Just as a line consists of an infinite number of points, our individual inochis are connected from the past to the present, and to tomorrow….I have three
children, ten, seven, and two years old. My children’s inochis have come out of me, but my children’s inochis are not mine. They are theirs. (30-39/female/housewife/—)

    Both respondents grasp a finite individual inochi in contrast to an infinite chain or line of inochis. The former stresses the importance of the chain,
and expands the extent of the notion to include all creatures on earth. It is interesting that in this reply there is the notion of ‘death and revival’.
We often encounter this notion in such materials that approach the phenomenon of life in a religious or holistic way.We should note that, in this type
of approach, the death of an individual inochi is sometimes made light of, while more importance is placed on the chain itself. The latter seems to stress,
to the contrary, the individuality of each inochi, while admitting that each individual inochi cannot exist apart from the line. She restricts the extent
of the line to include only humans. This illustrates the variety of images of life amongst the Japanese. [91/92]
    As we shall mention later, there have been many publications discussing inochi in recent years. The authors are, for the most part, professional writers
or talented people who have already published books or articles.
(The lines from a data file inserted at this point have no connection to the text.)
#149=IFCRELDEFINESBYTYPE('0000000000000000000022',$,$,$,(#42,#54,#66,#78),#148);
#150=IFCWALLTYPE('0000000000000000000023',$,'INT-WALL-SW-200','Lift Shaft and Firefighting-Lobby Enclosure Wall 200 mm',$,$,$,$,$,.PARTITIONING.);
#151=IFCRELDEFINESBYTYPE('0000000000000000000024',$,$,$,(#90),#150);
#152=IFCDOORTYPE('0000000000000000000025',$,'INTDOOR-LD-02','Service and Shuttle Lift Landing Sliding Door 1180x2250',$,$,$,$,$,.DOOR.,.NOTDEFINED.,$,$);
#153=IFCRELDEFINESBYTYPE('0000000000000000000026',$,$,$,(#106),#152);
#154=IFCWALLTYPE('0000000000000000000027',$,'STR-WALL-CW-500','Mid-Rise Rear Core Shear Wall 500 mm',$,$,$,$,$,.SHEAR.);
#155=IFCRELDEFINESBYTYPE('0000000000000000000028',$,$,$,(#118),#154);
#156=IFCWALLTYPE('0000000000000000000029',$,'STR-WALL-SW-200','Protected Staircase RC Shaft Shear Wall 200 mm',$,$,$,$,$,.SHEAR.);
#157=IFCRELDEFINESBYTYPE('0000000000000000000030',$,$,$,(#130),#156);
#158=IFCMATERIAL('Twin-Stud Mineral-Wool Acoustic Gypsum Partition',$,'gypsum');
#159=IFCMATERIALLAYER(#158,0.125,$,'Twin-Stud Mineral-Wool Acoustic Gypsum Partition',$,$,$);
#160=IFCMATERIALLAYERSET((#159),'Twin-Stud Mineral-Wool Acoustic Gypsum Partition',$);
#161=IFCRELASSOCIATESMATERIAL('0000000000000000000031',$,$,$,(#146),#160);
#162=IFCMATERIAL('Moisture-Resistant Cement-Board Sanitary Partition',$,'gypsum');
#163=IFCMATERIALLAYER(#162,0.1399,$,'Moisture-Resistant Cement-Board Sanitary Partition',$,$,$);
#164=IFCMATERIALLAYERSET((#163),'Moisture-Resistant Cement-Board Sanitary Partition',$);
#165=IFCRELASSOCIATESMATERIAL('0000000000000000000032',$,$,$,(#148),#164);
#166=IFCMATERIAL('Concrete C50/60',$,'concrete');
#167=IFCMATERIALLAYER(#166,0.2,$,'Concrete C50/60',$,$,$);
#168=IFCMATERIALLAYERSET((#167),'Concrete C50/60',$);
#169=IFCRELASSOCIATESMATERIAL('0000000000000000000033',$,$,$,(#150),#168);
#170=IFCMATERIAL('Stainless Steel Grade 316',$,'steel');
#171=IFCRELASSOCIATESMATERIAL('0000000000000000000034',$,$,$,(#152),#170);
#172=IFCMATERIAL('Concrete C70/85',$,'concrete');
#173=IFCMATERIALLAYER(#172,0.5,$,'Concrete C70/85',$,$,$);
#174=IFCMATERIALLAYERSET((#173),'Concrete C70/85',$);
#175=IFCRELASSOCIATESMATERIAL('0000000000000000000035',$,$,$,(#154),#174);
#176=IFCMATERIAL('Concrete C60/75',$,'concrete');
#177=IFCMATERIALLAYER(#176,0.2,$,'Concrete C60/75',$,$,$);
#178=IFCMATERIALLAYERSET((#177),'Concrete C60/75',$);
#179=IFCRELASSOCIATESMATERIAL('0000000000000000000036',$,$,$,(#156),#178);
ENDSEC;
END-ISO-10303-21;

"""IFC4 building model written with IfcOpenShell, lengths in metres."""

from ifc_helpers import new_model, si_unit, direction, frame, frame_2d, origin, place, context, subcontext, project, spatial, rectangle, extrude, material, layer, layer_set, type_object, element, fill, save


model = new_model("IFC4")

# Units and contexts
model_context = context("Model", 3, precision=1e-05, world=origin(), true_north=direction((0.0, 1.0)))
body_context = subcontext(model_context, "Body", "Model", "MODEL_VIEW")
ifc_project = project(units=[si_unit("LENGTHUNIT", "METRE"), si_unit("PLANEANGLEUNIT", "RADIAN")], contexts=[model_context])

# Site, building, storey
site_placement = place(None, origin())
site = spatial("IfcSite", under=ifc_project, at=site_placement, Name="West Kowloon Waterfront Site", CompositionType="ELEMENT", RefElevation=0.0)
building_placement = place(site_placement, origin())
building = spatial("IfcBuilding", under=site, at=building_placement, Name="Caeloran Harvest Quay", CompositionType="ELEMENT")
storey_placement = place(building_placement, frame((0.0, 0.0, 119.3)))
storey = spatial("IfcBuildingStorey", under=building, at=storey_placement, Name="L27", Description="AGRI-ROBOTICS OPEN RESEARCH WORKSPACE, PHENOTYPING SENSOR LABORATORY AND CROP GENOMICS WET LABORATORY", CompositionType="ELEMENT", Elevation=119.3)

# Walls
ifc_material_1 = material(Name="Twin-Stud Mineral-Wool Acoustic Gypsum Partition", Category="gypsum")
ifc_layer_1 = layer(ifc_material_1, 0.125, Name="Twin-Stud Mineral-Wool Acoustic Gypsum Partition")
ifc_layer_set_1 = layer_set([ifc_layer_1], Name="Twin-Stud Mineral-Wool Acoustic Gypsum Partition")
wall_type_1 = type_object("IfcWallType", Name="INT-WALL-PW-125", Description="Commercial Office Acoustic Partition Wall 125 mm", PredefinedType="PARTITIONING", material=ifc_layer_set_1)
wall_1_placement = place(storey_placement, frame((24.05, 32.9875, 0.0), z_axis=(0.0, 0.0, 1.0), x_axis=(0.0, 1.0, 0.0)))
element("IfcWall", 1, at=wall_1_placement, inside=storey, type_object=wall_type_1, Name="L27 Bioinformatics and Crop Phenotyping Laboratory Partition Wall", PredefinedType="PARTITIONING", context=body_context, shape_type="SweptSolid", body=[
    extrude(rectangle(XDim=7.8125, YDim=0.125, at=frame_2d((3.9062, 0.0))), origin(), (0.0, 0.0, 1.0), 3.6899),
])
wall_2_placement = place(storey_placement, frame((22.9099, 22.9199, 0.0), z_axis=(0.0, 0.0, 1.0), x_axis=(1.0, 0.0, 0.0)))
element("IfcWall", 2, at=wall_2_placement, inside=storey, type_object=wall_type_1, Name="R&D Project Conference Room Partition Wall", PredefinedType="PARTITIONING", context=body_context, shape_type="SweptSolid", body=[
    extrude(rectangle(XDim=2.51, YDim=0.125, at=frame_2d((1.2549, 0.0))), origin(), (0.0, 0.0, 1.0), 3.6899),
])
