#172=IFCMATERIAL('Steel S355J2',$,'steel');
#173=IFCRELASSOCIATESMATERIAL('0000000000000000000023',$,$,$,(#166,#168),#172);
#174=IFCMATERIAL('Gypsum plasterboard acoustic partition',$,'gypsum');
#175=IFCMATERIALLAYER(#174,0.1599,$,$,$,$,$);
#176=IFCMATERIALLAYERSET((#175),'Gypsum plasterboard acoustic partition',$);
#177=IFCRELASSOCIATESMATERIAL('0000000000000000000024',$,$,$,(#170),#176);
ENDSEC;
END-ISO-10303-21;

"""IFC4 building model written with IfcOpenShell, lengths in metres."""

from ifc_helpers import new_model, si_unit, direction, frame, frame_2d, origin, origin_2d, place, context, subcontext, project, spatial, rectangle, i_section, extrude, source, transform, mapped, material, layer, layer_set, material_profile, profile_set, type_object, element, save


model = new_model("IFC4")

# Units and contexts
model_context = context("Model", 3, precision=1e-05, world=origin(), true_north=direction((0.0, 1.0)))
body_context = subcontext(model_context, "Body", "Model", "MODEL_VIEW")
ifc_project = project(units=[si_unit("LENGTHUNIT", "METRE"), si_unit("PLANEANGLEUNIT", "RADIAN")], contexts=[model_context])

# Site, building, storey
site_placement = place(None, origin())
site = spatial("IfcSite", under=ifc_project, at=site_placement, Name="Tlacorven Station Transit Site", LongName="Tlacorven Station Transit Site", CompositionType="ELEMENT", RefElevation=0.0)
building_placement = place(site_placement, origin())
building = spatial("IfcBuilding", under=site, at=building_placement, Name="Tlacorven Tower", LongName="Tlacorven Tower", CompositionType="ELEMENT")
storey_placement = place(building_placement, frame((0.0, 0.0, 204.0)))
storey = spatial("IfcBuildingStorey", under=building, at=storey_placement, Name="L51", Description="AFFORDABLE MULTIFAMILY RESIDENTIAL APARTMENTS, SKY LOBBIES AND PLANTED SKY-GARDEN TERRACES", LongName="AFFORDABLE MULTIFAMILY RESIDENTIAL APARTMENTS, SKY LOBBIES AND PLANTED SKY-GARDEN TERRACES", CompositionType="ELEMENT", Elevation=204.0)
Hence, strictly speaking, these inochi publications are not the products of ordinary people,
and thus one of the merits of research through open questionnaires is the opportunity to collect expressions on inochi from ordinary people that would
not normally reach publication.
    During the course of my work in this survey I have come across some extradordinary replies which show excellence in their scope and depth. The following
is such an example. When written in hiragana, inochi has broader meanings than seimei. I feel that it means something which embraces one’s whole life,
one’s mind, one’s way of life, love, and whole human existence. And I think one’s inochi is something that is entirely given. I think inochi is irreplaceable
because we cannot get it at all by our own will, nor with effort, nor with money….If my inochi is irreplaceable, then others’ inochi must be the same.
Others’ inochis are connected to mine, and all these are in the stream of a large inochi. Inochi is, on the one hand, each individual being, unique and
irreplaceable. On the other hand, however, it is one large inochi of the whole human race.…Aren’t such formless reminders of a deceased person, such as
influence, impression, his/her way of life, thought, and religious belief a part of inochi? In this sense, I think inochis could be taken over, be connected,
and meet each other beyond space and time. (30-39/femal/housewife/Christian)    First this respondent stresses that inochi has broader meanings than seimei,
and then she goes on to say that it embraces the whole of life, mind, a way of life, love, and all of human existence. She seems to emphasize that inochi
should not be understood simply by a single property, such as an ability to breathe or just a brain function, but more that it should be grasped as a comprehensive
whole, from every aspect. In the latter half of the first paragraph she refers to inochi as something given, and to its irreplaceability.
    Second, in the middle of this reply, she presents a dialectical logic that each inochi is an individual irreplaceable inochi, and at the same time,
that inochi itself is a large stream that embraces all individual inochis. This dialectic implies a kind of universal insight which can be found in religious
literature. In appearance, this contention seems paradoxical because it insists on the identity of the whole and its parts. However, contentions of this
kind are not so unusual in the context of philosophy and religion (31). Instead, we should pay attention to the fact that she grasps the whole as a ‘stream’,
an expression often encountered in other responses and in various inochi publications (32). This kind of conceptualization makes it possible to grasp inochi
as a [92/93] formless and dynamic movement, rather tan a simplistic static entity with a clear form.
    In the last part of her reply, she allows her vision to soar. She states that one’s inochi is not confined to one’s body and the state of being conscious,
but spreads over the realms of influence, perception, one’s way of life, and thought. In a sense, this means that inochi survives the death of a person,
has a lasting influence on other people in our society, and meets other inochis somewhere in some universe. According to her understanding, inochi is not
merely the sum of a functioning body and brain; nevertheless, when she uses the word inochi, she restricts the usage strictly to the realm of humanity.
She does not refer to the inochi of animals, plants, or all creatures. Her religious beliefs may have influenced such an understanding. Hence, her understanding
of inochi is completely different from that of the farmer cited above, though both stress the importance of a chain or stream of inochis.
    Here are some other examples interesting in their expressions and imagination. Humans deprive other creatures of their inochi in order to live. Humans
defend themselves against other creatures so as not to have their inochi attacked….I wish we could live in mutual respect with other creatures. I have
to apologize to you, fish-san, cow-san, pig-san, and bird-san (33), for eating you because of our human egoism. I like meat and fish very much too. We
must look like cruel murderers from their point of view….In conclusion, we treasure our own inochi, and our civilizations and cultures develop by an egoism
of this kind. (30-39/female/nursery school teacher/—)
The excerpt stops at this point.